The `Deployment` and `StatefulSet` charts require two endpoints. Defaults match the values below — override if your service uses different paths.

| Endpoint | Purpose | Default path |
|----------|---------|--------------|
| Liveness | Is the process alive? Kubernetes restarts the pod on failure. | `/health/live` |
| Readiness | Is the service ready for traffic? Kubernetes stops routing on failure. | `/health/ready` |

**Implementation rule:** the liveness endpoint must be fast and stateless (no DB calls). The readiness endpoint should check critical dependencies.

---

## Secrets

Use Vault-injected secrets. Do not put secrets in `values.yaml` or environment variables in the chart.

Reference secrets in your values:

```yaml
envFromSecret:
  - secretName: your-service-secrets
    keys: [DATABASE_URL, API_KEY]
```

The platform creates the Kubernetes Secret from Vault automatically during deployment. Store secrets at `secret/your-service/{key}` in Vault.

---

## Troubleshooting

**Pod stuck in `Pending`:**
```bash
kubectl describe pod -n yourteam -l app=your-service
```
Common cause: namespace quota exceeded or missing PVC storage class.

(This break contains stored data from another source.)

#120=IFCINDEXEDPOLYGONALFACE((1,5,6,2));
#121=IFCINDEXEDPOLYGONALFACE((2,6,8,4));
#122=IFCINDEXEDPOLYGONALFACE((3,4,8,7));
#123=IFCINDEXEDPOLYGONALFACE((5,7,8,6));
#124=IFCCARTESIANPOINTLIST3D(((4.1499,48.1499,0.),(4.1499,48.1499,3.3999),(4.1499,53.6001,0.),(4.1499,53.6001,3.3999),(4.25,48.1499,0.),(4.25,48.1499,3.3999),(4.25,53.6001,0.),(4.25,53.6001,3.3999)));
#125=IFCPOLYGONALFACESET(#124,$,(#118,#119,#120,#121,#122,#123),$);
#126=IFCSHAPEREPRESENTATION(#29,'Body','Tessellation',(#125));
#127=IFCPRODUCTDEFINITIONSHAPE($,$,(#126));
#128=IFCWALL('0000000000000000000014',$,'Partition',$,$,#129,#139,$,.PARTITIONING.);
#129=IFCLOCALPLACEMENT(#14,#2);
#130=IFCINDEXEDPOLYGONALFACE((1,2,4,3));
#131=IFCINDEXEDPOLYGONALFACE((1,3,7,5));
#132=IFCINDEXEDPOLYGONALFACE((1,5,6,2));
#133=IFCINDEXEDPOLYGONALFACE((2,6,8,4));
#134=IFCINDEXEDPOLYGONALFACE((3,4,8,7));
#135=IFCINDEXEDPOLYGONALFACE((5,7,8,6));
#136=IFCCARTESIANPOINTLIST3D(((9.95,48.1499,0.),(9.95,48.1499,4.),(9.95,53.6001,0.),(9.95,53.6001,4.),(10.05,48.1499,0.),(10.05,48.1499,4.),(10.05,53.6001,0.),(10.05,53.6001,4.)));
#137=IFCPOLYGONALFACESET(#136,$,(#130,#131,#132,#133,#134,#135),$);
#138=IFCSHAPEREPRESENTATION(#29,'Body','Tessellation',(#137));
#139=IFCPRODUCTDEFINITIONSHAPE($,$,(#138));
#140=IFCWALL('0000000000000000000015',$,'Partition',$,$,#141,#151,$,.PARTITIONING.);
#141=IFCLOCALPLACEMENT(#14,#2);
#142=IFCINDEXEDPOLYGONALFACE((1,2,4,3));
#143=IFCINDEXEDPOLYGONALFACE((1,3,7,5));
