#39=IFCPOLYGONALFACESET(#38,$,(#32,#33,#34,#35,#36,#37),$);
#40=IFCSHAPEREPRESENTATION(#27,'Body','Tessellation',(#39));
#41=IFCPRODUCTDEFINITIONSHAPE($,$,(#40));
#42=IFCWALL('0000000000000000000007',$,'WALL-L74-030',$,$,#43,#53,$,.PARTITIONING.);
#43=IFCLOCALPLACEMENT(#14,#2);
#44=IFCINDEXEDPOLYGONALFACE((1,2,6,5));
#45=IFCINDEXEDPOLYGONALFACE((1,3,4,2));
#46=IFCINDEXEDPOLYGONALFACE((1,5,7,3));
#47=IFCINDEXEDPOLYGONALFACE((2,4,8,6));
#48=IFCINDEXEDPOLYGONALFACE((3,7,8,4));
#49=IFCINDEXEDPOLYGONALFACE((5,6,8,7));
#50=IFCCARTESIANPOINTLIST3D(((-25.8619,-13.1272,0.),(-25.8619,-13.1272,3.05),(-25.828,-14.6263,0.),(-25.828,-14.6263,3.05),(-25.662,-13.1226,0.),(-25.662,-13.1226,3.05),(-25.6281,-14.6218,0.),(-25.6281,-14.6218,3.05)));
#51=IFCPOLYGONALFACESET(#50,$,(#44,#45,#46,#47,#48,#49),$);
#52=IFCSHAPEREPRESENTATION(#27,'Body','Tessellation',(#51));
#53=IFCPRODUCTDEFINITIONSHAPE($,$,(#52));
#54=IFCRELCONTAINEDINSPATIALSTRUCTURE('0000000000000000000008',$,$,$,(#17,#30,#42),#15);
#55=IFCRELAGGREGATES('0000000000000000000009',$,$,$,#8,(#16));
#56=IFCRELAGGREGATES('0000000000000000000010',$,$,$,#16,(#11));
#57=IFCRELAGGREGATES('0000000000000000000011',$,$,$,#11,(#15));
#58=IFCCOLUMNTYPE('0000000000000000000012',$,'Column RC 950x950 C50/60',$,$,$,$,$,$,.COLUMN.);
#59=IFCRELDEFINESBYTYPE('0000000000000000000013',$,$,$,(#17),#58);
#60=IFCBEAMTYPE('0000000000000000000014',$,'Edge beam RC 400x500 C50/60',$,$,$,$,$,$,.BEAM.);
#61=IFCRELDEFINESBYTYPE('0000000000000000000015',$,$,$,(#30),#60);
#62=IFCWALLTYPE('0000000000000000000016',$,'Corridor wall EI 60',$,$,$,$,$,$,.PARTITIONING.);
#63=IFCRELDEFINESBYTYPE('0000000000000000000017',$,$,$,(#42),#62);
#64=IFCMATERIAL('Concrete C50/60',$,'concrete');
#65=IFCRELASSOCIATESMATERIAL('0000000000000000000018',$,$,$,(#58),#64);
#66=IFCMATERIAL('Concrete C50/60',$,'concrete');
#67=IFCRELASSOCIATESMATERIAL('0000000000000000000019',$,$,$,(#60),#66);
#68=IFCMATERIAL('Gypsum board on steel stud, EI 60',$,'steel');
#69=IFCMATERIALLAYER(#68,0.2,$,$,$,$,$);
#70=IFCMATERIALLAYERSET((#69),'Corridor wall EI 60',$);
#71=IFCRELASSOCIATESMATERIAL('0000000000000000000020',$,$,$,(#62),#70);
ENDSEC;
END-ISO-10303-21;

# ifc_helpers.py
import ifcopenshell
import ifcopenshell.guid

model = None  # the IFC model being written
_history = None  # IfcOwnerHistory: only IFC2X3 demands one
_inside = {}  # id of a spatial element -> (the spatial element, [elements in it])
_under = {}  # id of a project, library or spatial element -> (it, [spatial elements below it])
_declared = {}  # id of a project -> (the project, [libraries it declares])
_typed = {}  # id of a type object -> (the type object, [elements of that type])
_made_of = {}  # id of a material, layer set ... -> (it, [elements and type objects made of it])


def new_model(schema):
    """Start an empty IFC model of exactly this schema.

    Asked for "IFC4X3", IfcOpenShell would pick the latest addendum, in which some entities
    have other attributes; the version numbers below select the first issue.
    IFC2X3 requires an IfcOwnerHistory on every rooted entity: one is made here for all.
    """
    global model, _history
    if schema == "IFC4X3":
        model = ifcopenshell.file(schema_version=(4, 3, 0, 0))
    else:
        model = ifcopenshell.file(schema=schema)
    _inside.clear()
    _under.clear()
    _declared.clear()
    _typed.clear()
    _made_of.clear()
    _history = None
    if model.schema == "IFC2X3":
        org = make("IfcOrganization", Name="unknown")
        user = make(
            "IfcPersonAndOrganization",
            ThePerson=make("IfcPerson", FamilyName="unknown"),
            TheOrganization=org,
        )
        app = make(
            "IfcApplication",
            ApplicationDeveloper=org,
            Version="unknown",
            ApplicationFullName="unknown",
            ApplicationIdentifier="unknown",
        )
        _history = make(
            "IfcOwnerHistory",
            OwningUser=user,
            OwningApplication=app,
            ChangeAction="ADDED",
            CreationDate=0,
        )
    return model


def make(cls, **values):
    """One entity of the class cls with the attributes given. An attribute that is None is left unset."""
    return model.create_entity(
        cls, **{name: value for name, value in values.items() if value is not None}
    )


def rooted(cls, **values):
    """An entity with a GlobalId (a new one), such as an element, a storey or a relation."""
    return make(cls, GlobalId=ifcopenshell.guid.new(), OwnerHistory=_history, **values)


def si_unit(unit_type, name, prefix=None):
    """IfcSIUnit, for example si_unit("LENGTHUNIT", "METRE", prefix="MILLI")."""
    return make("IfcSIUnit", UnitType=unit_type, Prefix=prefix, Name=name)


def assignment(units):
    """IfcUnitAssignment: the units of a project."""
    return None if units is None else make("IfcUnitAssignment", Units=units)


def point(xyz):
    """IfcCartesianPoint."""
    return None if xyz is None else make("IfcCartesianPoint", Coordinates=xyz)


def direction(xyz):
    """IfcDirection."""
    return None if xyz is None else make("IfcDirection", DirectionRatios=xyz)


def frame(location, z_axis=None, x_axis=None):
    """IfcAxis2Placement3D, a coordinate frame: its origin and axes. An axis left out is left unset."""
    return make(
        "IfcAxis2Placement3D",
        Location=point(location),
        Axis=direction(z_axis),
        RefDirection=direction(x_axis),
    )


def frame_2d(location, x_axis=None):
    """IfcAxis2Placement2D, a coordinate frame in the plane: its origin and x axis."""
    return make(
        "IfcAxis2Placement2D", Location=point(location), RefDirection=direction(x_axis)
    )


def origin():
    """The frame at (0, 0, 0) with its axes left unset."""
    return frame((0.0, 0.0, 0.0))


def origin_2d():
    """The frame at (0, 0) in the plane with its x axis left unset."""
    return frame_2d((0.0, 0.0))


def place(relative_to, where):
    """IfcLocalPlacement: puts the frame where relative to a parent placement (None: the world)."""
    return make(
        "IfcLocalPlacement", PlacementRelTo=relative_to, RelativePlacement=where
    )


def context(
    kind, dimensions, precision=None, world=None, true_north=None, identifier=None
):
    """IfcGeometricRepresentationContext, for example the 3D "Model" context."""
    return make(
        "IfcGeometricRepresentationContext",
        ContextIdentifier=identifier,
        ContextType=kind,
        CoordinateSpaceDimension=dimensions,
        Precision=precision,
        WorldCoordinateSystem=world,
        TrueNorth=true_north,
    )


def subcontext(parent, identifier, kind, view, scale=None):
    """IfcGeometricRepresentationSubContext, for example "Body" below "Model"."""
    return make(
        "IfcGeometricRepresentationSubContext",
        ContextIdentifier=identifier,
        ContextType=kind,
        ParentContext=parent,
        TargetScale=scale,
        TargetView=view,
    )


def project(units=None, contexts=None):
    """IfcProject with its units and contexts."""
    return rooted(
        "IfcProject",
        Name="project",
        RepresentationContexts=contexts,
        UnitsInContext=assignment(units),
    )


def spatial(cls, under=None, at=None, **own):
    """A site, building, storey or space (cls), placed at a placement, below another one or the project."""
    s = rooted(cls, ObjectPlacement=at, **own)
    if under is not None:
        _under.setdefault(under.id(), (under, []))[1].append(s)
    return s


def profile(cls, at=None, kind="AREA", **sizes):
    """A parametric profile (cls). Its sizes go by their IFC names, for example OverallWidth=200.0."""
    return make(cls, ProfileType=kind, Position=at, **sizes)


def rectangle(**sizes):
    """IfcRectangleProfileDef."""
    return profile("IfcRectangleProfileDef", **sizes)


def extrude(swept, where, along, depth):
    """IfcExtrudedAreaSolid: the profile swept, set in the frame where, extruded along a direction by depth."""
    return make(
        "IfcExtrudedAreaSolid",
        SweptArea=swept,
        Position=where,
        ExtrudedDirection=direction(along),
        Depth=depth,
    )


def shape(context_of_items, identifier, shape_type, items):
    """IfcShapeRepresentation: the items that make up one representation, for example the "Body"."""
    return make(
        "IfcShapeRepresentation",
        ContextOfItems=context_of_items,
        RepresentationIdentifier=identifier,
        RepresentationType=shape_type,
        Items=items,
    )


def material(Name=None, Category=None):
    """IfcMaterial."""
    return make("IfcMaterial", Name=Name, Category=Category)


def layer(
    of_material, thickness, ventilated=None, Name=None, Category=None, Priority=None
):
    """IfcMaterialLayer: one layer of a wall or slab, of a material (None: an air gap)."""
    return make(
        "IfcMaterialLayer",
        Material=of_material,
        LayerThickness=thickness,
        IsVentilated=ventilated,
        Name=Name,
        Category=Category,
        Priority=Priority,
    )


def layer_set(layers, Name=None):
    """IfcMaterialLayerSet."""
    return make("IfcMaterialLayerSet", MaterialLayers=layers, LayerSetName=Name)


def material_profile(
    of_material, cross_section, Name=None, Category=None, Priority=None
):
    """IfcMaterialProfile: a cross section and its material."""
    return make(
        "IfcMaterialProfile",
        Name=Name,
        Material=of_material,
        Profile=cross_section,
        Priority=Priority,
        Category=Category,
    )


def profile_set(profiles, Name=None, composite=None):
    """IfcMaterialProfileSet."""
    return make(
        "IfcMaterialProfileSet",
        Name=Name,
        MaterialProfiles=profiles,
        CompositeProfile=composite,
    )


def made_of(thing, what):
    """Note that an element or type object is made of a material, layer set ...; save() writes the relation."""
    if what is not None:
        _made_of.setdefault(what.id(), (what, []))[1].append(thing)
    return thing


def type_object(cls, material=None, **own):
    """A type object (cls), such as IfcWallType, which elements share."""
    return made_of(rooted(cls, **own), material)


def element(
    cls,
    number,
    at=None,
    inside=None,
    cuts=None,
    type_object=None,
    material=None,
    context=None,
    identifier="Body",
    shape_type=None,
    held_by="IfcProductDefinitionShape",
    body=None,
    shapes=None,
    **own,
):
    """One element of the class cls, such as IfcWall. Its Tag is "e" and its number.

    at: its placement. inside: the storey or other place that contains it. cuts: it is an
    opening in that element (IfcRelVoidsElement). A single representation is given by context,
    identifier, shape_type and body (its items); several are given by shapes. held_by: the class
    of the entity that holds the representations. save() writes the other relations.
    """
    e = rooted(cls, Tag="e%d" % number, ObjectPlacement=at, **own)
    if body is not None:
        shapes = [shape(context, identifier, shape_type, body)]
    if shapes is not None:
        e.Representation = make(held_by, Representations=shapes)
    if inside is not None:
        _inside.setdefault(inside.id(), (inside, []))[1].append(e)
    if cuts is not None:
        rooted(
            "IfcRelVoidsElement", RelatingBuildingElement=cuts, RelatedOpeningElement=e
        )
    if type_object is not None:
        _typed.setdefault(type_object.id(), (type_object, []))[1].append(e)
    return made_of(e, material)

**Pod in `CrashLoopBackOff`:**
```bash
kubectl logs -n yourteam -l app=your-service --previous
```
Common causes: missing environment variable, failed DB connection on startup.

**`ImagePullBackOff`:**
```bash
crane ls registry.mycorp.internal/your-service
```
Verify the tag exists in the registry and the namespace has pull credentials.